My expectation is, that the first occurence of a word, would stick around as the key. But in certain cases, it will get swapped during an invocation of Map.update

Given the above function, I've written the following tests (with Alcotest)

let () =
  let test case_name input expected =
    Alcotest.test_case case_name `Quick (fun () ->
      Alcotest.(check (list (pair string int))) "equal lists" expected (count_words input))
  in
  Alcotest.run
    "Tests"
    [ ( "map key test"
      , [ test "simple" [ "Foo" ] [ "Foo", 1 ]
        ; test "coalescing different cases" [ "Foo"; "foo" ] [ "Foo", 2 ]
        ; test "keys in increasing order" [ "Foo"; "bar" ] [ "bar", 1; "Foo", 1 ]
        ; test "preserves keys" [ "FOO"; "bar"; "foo" ] [ "bar", 1; "FOO", 2 ]
        ; test
            "second occurence always changes key"
            [ "FOO"; "bar"; "foo"; "BAR" ]
            [ "BAR", 2; "foo", 2 ]
        ] )
    ]
;;

The 4th and 5th tests fails with the following output (abbreviated for clarity):

Testing `Tests'.

...FF

┌──────────────────────────────────────────────────────────────────────────────────────────────────────────────────────────────────────┐
│ [FAIL]        map key test          3   preserves keys.                                                                              │
└──────────────────────────────────────────────────────────────────────────────────────────────────────────────────────────────────────┘
ASSERT equal lists
FAIL equal lists

   Expected: `[("bar", 1); ("FOO", 2)]'
   Received: `[("bar", 1); ("foo", 2)]'

──────────────────────────────────────────────────────────────────────────────────────────────────────────────────────────────────────

┌──────────────────────────────────────────────────────────────────────────────────────────────────────────────────────────────────────┐
│ [FAIL]        map key test          4   second occurence always changes key.                                                         │
└──────────────────────────────────────────────────────────────────────────────────────────────────────────────────────────────────────┘
ASSERT equal lists
FAIL equal lists

   Expected: `[("BAR", 2); ("foo", 2)]'
   Received: `[("bar", 2); ("foo", 2)]'
 ──────────────────────────────────────────────────────────────────────────────────────────────────────────────────────────────────────
2 failures! in 0.005s. 5 tests run.

Inspecting https://github.com/janestreet/base/blob/v0.15/src/map.ml#L714-L748 tells me that this behaviour only happens when updating a key that is in a Node and not in a Leaf (as we see in last test case). The offending line seems to be 738, where the node is reconstructed with the key given as an argument, rather than they existing key v found in the Node.

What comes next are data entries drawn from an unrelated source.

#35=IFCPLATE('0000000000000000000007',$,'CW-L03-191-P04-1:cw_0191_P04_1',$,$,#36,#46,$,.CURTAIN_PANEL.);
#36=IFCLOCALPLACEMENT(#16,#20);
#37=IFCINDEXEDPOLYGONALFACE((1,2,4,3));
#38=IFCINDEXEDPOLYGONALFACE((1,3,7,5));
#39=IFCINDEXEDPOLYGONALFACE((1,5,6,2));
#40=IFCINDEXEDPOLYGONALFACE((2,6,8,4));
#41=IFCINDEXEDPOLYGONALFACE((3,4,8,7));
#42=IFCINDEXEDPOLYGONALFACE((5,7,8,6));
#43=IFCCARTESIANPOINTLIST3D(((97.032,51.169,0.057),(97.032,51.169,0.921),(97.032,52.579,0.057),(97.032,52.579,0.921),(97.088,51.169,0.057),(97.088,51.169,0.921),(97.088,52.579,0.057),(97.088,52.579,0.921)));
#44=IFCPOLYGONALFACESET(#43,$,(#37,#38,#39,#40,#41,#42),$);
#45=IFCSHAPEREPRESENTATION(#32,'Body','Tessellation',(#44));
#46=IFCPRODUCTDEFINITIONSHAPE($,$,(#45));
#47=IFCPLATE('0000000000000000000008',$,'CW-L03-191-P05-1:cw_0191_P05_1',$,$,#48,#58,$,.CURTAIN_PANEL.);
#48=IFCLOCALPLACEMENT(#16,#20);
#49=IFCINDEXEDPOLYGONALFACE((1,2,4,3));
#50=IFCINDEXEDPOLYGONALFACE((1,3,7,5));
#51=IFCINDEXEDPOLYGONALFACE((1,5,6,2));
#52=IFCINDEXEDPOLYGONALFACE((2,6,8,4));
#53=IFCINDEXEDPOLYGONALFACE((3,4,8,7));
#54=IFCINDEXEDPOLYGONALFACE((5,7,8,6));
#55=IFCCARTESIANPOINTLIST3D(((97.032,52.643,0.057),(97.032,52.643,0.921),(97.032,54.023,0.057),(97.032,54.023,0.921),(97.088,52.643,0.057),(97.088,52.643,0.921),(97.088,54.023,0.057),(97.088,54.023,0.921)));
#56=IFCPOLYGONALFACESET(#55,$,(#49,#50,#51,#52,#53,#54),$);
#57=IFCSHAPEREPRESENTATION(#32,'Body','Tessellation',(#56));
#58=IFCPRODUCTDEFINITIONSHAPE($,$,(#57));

It seems Map.change would exhibit the same behaviour.

ceastlund commented 1 year ago

I don't believe Map makes any guarantee about which key is kept if two equivalent keys are supplied. So I the current behavior is correct, and changing it to keep the prior key would also be correct. I don't see any particular need to change it -- if "BAR" and "bar" are equivalent as keys, it shouldn't really matter which one the map keeps.